If that total is over the vehicle's GVM — you have a problem. The fix is either:
- Reduce what you're carrying in the vehicle (often possible — recovery gear, tools, water can move to the caravan or stay home), or
- Upgrade the GVM.
What a GVM Upgrade Actually Changes
A GVM upgrade is an engineering modification that re-rates the vehicle to a higher maximum loaded weight. It typically involves:
- Upgraded suspension (heavier-duty springs, shocks, sometimes airbags)
- Sometimes upgraded brakes
- Re-rating of the tyres if needed
- A new compliance plate issued by the engineer or upgrade kit supplier
What it doesn't change:
- The tow rating — your braked tow capacity stays the same unless you also do a tow rating upgrade.
- The GCM — important. Many GVM upgrades do not increase GCM, meaning the gain in vehicle weight comes off your trailer allowance.
The GCM Trap
This catches a lot of people. If your vehicle's stock GCM is 6000kg and you do a GVM upgrade that adds 300kg to your vehicle limit, your GCM is still 6000kg unless the upgrade specifically includes a GCM upgrade. Net effect: you can carry more in the vehicle, but the maximum caravan you can tow drops by the same amount.
When researching upgrades, ask explicitly: "Does this upgrade also increase GCM, or only GVM?" Some kits do both; many don't.
Pre-Rego vs Post-Rego Upgrades
Two types — and they're treated differently legally:
Pre-Registration (Second-Stage Manufacturer)
- Done before the vehicle is first registered.
- Treated like a factory option — the vehicle is delivered with the higher rating.
- Generally accepted in all states without further engineering certification.
- Tends to be cleaner from an insurance perspective.
Post-Registration
- Done on a vehicle already registered (i.e. on your existing 4WD/ute).
- Requires engineering certification.
- Legality and acceptance varies by state. NSW, in particular, has had restrictions on post-rego GVM upgrades; other states are more permissive. The landscape changes — check current state rules with the upgrade supplier.
- Insurance: some insurers may decline or restrict cover after a post-rego upgrade.
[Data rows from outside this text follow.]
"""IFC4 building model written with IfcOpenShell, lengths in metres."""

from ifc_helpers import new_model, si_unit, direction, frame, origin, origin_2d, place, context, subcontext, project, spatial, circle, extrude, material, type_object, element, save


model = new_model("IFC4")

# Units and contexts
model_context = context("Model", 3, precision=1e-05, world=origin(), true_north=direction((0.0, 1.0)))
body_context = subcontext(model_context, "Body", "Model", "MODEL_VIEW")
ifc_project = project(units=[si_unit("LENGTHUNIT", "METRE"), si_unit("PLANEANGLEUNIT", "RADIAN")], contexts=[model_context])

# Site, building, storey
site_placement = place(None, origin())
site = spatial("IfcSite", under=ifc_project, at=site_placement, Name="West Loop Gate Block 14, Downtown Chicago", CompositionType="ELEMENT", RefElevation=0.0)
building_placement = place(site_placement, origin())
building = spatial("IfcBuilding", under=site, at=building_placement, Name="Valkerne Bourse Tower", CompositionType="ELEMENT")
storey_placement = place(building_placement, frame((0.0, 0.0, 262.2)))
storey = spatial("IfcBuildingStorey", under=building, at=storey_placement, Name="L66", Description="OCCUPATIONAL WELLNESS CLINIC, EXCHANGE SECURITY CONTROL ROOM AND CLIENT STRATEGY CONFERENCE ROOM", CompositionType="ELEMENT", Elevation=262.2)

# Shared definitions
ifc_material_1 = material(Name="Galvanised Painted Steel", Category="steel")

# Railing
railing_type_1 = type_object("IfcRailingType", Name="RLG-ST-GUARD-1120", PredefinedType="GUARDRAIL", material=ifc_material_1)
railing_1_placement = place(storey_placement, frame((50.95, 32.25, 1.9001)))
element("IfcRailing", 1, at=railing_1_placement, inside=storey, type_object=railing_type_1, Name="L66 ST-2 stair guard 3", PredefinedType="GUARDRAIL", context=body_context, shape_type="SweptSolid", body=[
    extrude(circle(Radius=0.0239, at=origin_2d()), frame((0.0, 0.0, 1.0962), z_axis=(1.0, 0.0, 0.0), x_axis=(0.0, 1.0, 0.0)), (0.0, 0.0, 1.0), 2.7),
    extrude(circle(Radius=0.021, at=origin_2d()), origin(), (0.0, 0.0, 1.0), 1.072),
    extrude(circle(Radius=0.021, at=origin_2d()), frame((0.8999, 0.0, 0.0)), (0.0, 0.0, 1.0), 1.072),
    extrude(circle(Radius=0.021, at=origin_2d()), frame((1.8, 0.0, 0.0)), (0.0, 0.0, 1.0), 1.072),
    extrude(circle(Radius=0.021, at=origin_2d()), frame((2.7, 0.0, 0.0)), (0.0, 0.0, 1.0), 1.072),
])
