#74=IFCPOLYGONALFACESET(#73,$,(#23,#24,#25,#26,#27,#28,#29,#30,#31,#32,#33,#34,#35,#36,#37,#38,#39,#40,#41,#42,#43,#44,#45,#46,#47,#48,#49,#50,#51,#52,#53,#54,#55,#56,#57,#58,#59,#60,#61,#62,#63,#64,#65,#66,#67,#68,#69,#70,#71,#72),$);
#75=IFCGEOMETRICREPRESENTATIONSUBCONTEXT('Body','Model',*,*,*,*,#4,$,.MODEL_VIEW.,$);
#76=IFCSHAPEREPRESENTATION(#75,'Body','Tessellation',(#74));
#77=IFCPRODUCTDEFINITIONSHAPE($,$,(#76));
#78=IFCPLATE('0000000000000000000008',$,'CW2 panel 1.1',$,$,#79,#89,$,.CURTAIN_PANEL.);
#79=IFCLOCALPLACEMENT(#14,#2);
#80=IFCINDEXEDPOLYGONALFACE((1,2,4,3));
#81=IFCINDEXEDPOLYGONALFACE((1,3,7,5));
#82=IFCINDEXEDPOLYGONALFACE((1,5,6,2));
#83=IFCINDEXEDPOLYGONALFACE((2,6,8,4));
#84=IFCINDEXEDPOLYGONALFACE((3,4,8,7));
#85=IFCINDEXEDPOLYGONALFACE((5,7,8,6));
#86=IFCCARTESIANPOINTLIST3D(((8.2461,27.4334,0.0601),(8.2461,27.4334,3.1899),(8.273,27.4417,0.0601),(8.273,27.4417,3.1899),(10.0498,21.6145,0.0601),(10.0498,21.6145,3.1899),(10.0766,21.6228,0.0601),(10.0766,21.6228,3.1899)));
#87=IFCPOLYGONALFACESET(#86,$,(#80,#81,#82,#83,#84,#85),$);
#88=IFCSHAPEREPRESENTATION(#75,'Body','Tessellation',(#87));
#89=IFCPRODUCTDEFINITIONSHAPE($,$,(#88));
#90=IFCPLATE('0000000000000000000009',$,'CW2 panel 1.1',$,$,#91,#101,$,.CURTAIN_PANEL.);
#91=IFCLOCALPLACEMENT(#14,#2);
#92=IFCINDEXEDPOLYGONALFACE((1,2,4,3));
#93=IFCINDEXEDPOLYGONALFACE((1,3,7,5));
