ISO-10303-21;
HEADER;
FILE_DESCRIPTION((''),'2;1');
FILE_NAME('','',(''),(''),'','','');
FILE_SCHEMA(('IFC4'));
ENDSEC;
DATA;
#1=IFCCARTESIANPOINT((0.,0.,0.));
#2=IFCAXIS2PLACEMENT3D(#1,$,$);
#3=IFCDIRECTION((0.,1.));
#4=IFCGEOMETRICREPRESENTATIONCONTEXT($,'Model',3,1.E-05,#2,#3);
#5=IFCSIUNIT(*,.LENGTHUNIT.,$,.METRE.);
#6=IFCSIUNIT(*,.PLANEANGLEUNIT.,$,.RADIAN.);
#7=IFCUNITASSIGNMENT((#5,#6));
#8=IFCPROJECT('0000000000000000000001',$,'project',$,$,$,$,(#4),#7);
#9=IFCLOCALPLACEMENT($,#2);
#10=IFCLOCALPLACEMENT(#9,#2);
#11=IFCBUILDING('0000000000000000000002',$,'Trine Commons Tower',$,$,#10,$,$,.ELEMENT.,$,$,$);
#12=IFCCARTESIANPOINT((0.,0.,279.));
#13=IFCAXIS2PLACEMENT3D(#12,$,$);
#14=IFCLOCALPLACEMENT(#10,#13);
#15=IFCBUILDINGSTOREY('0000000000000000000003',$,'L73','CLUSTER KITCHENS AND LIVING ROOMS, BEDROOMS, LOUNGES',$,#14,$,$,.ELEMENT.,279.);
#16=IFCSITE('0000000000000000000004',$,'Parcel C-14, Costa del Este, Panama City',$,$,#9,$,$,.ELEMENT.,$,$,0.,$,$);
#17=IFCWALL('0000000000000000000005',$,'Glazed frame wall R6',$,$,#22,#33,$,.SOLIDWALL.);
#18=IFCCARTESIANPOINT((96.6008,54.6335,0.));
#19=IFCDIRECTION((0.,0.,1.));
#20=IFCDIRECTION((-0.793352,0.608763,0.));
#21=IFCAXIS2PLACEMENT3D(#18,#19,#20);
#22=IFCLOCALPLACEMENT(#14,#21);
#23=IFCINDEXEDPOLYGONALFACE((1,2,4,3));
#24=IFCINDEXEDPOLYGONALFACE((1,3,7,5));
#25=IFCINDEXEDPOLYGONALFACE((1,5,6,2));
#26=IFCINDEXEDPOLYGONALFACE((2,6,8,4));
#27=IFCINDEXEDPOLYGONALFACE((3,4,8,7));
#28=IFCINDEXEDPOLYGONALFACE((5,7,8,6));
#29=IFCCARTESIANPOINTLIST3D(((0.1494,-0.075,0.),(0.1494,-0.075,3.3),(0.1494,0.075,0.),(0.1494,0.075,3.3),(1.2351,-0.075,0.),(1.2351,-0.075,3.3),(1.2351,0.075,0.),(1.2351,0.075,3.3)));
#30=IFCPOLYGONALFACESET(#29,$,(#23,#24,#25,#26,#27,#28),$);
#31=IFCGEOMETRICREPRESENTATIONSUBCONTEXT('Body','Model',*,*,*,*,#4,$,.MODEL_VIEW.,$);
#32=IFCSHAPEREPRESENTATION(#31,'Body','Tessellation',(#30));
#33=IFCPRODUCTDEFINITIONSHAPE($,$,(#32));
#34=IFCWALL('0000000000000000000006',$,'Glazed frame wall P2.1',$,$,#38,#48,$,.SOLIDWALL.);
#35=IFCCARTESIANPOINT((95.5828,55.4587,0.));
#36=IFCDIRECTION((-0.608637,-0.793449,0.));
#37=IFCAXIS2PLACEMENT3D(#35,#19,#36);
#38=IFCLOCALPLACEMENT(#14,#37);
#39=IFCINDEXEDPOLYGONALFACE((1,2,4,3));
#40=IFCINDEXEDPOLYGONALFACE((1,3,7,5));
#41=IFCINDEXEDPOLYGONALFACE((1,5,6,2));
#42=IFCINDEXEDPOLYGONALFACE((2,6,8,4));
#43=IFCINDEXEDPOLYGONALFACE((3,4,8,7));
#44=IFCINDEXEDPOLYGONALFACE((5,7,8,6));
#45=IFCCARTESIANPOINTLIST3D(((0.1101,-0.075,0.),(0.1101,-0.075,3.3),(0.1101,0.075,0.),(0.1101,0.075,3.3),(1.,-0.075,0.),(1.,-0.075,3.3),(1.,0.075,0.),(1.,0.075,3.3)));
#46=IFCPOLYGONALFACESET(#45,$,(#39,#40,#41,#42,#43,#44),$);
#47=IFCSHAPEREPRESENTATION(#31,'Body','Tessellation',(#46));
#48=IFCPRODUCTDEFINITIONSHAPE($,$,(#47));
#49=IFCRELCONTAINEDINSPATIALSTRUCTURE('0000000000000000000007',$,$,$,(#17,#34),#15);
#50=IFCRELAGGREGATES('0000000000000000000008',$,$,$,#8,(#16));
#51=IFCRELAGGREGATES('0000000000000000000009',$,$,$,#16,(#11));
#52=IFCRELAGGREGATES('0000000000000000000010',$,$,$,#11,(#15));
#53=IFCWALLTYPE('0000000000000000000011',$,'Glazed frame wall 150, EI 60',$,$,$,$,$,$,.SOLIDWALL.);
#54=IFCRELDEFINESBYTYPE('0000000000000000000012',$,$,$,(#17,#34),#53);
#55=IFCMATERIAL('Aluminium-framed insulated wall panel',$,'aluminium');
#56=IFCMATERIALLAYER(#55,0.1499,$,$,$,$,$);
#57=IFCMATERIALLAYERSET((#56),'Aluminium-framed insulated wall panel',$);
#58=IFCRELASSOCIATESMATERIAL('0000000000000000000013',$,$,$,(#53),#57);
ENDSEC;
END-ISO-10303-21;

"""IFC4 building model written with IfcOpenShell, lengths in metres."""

from ifc_helpers import new_model, si_unit, direction, frame, origin, place, context, subcontext, project, spatial, polyline, outline, extrude, material, layer, layer_set, type_object, element, save


model = new_model("IFC4")

# Units and contexts
model_context = context("Model", 3, precision=1e-05, world=origin(), true_north=direction((0.0, 1.0)))
body_context = subcontext(model_context, "Body", "Model", "MODEL_VIEW")
ifc_project = project(units=[si_unit("LENGTHUNIT", "METRE"), si_unit("PLANEANGLEUNIT", "RADIAN")], contexts=[model_context])

# Site, building, storey
site_placement = place(None, origin())
site = spatial("IfcSite", under=ifc_project, at=site_placement, Name="Parcel C-14, Costa del Este, Panama City", CompositionType="ELEMENT", RefElevation=0.0)
building_placement = place(site_placement, origin())
building = spatial("IfcBuilding", under=site, at=building_placement, Name="Trine Commons Tower", CompositionType="ELEMENT")
storey_placement = place(building_placement, frame((0.0, 0.0, 279.0)))
storey = spatial("IfcBuildingStorey", under=building, at=storey_placement, Name="L73", Description="CLUSTER KITCHENS AND LIVING ROOMS, BEDROOMS, LOUNGES", CompositionType="ELEMENT", Elevation=279.0)

# Walls
ifc_material_1 = material(Name="Aluminium-framed insulated wall panel", Category="aluminium")
ifc_layer_1 = layer(ifc_material_1, 0.1499)
ifc_layer_set_1 = layer_set([ifc_layer_1], Name="Aluminium-framed insulated wall panel")
wall_type_1 = type_object("IfcWallType", Name="Glazed frame wall 150, EI 60", PredefinedType="SOLIDWALL", material=ifc_layer_set_1)
wall_1_placement = place(storey_placement, frame((96.6008, 54.6335, 0.0), z_axis=(0.0, 0.0, 1.0), x_axis=(-0.793352, 0.608763, 0.0)))
element("IfcWall", 1, at=wall_1_placement, inside=storey, type_object=wall_type_1, Name="Glazed frame wall R6", PredefinedType="SOLIDWALL", context=body_context, shape_type="SweptSolid", body=[
    extrude(outline(polyline([(0.1494, 0.075), (0.1494, -0.075), (1.2351, -0.075), (1.2351, 0.075), (0.1494, 0.075)])), origin(), (0.0, 0.0, 1.0), 3.3),
])
wall_2_placement = place(storey_placement, frame((95.5828, 55.4587, 0.0), z_axis=(0.0, 0.0, 1.0), x_axis=(-0.608637, -0.793449, 0.0)))
element("IfcWall", 2, at=wall_2_placement, inside=storey, type_object=wall_type_1, Name="Glazed frame wall P2.1", PredefinedType="SOLIDWALL", context=body_context, shape_type="SweptSolid", body=[
    extrude(outline(polyline([(0.1101, -0.075), (1.0, -0.075), (1.0, 0.075), (0.1101, 0.075), (0.1101, -0.075)])), origin(), (0.0, 0.0, 1.0), 3.3),
])

save(model, "model.ifc")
Confirm with your insurer before committing.
What to Ask Before Buying an Upgrade
- Does this also increase GCM, or only GVM?
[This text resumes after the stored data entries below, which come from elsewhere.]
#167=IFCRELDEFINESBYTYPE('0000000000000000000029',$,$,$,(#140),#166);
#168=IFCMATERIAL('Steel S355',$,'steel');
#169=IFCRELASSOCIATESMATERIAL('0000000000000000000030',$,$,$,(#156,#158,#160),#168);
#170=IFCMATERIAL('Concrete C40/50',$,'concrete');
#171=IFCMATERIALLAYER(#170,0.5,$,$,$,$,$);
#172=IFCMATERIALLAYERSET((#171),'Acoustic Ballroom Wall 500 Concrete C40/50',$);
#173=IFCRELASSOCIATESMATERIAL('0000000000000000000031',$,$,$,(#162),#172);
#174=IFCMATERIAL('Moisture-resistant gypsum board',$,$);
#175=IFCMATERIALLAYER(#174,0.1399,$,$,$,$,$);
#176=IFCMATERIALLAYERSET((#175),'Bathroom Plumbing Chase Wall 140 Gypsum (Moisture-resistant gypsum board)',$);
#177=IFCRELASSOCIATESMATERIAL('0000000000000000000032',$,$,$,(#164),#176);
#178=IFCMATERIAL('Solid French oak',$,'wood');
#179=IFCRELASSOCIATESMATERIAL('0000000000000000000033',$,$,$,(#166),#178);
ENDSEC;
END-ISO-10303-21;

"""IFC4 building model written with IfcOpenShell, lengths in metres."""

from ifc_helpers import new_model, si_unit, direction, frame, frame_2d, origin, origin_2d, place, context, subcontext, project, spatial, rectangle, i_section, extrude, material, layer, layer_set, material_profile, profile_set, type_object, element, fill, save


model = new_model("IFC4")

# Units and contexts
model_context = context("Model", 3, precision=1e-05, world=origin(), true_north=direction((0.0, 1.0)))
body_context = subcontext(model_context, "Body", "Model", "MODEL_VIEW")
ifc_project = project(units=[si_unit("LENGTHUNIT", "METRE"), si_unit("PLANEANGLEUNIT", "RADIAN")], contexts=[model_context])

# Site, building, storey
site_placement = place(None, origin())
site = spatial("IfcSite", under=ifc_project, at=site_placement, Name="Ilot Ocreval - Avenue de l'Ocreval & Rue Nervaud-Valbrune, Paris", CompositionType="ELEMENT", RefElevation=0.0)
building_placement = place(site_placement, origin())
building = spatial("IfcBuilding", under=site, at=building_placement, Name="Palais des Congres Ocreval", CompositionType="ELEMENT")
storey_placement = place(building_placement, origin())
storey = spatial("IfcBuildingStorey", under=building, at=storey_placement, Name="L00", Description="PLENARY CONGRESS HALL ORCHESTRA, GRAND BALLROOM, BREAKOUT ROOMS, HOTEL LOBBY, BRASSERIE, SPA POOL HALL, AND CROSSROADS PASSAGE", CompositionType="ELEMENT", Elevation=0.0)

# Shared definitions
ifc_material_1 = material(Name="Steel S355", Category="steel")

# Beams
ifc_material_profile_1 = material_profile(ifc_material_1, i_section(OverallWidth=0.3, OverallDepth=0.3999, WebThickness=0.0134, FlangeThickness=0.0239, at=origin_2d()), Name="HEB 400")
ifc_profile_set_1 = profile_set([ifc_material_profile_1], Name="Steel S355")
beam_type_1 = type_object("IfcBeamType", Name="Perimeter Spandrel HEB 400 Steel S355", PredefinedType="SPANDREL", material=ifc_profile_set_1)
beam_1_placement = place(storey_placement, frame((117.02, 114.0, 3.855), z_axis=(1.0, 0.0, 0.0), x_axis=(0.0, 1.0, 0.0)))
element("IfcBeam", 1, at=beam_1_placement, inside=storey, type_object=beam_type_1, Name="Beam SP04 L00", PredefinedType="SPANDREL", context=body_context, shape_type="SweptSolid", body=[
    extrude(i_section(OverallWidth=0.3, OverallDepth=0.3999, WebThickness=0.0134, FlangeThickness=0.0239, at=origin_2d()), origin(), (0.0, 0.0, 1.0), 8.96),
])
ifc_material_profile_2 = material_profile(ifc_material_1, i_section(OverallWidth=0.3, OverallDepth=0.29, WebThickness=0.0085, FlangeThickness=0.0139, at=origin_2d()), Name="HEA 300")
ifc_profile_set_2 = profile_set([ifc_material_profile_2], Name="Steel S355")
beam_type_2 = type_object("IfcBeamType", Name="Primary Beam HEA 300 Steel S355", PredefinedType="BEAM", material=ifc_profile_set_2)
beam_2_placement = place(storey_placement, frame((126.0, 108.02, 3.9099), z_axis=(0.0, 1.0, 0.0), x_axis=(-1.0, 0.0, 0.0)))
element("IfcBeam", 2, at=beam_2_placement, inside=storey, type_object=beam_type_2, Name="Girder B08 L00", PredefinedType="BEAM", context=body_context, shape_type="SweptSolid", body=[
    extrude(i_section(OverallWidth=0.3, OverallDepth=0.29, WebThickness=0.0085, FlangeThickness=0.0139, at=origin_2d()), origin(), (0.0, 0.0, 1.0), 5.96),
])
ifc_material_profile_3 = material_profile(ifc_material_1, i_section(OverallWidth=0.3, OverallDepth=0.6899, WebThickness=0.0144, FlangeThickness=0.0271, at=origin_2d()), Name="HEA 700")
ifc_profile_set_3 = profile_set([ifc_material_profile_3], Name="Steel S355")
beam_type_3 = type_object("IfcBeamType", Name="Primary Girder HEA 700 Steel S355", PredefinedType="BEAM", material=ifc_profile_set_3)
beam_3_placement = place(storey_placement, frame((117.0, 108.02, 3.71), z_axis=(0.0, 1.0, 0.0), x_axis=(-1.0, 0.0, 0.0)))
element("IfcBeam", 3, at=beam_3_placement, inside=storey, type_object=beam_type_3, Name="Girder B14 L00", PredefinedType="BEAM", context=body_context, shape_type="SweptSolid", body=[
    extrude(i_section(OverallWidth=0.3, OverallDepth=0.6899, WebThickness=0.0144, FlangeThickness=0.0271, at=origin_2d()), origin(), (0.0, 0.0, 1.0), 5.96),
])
- Is this legal to register in my state, post-registration?
- What's included — suspension, brakes, tyres, certification?
- Does this affect my vehicle's factory warranty?
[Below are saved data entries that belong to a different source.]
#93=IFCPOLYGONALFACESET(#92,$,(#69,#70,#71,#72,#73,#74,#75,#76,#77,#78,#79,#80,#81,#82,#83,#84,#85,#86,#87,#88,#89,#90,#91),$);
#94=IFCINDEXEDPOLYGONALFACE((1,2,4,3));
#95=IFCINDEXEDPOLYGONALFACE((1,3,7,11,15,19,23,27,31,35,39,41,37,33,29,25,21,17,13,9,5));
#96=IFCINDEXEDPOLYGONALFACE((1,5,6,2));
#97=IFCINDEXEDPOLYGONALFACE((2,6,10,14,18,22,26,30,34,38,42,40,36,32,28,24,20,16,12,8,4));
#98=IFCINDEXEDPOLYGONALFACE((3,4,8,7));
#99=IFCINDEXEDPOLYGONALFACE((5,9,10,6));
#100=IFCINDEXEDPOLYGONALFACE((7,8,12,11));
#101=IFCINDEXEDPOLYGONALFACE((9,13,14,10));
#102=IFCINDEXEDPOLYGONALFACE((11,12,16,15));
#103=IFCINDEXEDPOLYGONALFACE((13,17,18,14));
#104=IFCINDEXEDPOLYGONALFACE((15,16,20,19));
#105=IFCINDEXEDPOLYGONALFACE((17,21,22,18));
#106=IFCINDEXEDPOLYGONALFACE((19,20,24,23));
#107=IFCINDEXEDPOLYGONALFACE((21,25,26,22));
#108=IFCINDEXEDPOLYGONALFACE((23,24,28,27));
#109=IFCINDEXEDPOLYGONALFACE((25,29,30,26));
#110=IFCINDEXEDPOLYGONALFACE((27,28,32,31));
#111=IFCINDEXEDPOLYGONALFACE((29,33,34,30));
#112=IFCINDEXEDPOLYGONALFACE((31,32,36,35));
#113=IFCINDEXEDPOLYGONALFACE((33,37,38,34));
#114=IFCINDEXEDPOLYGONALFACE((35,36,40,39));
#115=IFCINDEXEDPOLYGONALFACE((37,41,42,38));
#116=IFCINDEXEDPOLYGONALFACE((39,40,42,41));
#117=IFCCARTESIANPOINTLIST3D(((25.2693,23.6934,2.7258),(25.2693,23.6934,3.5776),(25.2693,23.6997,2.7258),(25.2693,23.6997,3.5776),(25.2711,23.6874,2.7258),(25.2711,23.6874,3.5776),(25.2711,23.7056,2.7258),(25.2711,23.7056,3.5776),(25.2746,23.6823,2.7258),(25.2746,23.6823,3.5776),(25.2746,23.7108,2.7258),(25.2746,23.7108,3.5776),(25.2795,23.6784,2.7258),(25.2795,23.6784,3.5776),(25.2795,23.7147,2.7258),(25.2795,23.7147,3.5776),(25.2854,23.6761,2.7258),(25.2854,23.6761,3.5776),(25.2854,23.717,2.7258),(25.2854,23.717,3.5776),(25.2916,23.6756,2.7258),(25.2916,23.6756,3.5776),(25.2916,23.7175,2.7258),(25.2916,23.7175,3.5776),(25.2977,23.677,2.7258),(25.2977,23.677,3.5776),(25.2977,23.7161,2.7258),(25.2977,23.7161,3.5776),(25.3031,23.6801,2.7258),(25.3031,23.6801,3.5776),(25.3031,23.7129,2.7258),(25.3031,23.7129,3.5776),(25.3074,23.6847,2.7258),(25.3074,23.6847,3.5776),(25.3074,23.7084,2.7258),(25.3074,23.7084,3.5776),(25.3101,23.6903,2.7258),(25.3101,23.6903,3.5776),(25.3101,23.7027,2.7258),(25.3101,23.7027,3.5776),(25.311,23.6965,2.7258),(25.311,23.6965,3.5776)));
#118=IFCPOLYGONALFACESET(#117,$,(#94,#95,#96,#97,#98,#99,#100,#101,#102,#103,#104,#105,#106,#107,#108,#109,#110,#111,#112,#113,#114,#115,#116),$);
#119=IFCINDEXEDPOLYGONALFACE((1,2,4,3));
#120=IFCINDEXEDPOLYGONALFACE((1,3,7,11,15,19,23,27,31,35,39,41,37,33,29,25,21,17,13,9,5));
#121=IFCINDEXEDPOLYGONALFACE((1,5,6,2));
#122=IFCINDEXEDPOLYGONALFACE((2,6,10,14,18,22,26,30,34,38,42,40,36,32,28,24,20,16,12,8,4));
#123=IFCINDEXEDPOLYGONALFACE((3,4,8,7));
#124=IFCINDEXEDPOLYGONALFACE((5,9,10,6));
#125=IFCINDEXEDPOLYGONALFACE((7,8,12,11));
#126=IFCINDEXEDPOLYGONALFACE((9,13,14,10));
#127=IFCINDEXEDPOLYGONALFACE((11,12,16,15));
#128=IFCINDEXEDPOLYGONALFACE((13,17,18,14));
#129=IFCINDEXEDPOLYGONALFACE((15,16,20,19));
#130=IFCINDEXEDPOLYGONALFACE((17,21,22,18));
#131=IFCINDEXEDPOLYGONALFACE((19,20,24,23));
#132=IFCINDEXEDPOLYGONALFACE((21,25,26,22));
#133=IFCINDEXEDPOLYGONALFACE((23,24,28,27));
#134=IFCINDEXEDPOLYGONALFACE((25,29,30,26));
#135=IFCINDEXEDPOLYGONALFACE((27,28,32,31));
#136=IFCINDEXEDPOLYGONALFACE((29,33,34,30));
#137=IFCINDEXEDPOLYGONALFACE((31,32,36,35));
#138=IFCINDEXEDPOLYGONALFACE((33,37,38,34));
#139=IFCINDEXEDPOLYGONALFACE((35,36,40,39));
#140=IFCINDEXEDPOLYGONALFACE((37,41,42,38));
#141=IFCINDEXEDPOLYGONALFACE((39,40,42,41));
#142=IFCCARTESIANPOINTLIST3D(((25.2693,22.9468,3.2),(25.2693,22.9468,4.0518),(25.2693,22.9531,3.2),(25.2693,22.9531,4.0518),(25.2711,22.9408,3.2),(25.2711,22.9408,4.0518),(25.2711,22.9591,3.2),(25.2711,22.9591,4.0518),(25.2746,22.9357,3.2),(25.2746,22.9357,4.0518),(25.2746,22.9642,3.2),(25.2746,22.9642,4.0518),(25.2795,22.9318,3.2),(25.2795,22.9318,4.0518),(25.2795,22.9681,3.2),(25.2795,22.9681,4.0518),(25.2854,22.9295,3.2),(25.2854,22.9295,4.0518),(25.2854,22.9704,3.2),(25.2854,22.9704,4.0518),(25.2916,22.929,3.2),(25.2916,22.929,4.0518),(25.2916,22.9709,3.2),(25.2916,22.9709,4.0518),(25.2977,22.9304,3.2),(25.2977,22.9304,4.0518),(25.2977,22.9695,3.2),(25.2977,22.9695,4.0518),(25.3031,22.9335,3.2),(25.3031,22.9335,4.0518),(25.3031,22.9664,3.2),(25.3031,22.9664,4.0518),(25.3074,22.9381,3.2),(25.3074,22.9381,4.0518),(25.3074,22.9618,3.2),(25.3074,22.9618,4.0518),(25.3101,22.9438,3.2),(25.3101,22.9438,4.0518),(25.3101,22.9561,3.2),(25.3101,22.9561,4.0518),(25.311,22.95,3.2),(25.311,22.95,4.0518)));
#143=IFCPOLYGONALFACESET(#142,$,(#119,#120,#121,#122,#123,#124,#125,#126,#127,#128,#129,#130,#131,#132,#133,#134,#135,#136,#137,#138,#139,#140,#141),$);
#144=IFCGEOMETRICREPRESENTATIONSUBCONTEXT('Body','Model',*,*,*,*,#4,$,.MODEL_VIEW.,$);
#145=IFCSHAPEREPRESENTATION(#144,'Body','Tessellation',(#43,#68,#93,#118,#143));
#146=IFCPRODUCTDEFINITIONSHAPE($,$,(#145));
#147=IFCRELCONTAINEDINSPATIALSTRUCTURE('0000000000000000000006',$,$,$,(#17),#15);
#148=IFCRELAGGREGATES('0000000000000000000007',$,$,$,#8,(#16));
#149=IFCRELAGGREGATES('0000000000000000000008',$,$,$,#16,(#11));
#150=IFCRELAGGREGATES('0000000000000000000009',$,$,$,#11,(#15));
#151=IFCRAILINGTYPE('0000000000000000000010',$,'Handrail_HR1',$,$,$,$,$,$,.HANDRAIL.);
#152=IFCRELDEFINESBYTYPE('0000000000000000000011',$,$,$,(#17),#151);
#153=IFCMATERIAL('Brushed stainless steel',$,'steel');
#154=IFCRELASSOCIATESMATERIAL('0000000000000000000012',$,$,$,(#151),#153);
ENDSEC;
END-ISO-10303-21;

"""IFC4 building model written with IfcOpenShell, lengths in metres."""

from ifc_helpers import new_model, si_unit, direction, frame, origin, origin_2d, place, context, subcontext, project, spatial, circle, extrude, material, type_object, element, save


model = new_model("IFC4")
- Have you confirmed acceptance with my insurer?
- What's the total cost — kit, fitting, engineering, re-rego?
Get the answers in writing before paying.
Who Does Them
There are several reputable suppliers in the Australian market — Lovells, ARB OME, Ironman 4x4, Ultimate Suspension, Pedders, Tough Dog, EFS. We don't recommend a specific one because the right choice depends on your vehicle, your loaded weight target, your state and your budget.
If you'd like a second opinion before committing, talk to your nearest Mars branch — we see a lot of GVM upgrades come through and can flag any obvious mismatches.
The Conversation Worth Having First
Before spending several thousand dollars on a GVM upgrade, ask yourself the cheaper question: am I carrying things in the vehicle that should be in the van — or shouldn't be coming at all?
Sometimes the answer is yes, and an honest weight review removes the need for the upgrade entirely. Sometimes the answer is no — you genuinely need the capacity — and the upgrade pays for itself in years of legal, comfortable towing.
The Other Option
If you'd need a serious GVM upgrade plus a tow rating upgrade plus a GCM upgrade just to make the numbers work — sometimes the better answer is a different van. We have models from compact 11ft hybrids up to 16ft family vans. A different model in the range might fit your current vehicle without modification. Worth a five-minute conversation.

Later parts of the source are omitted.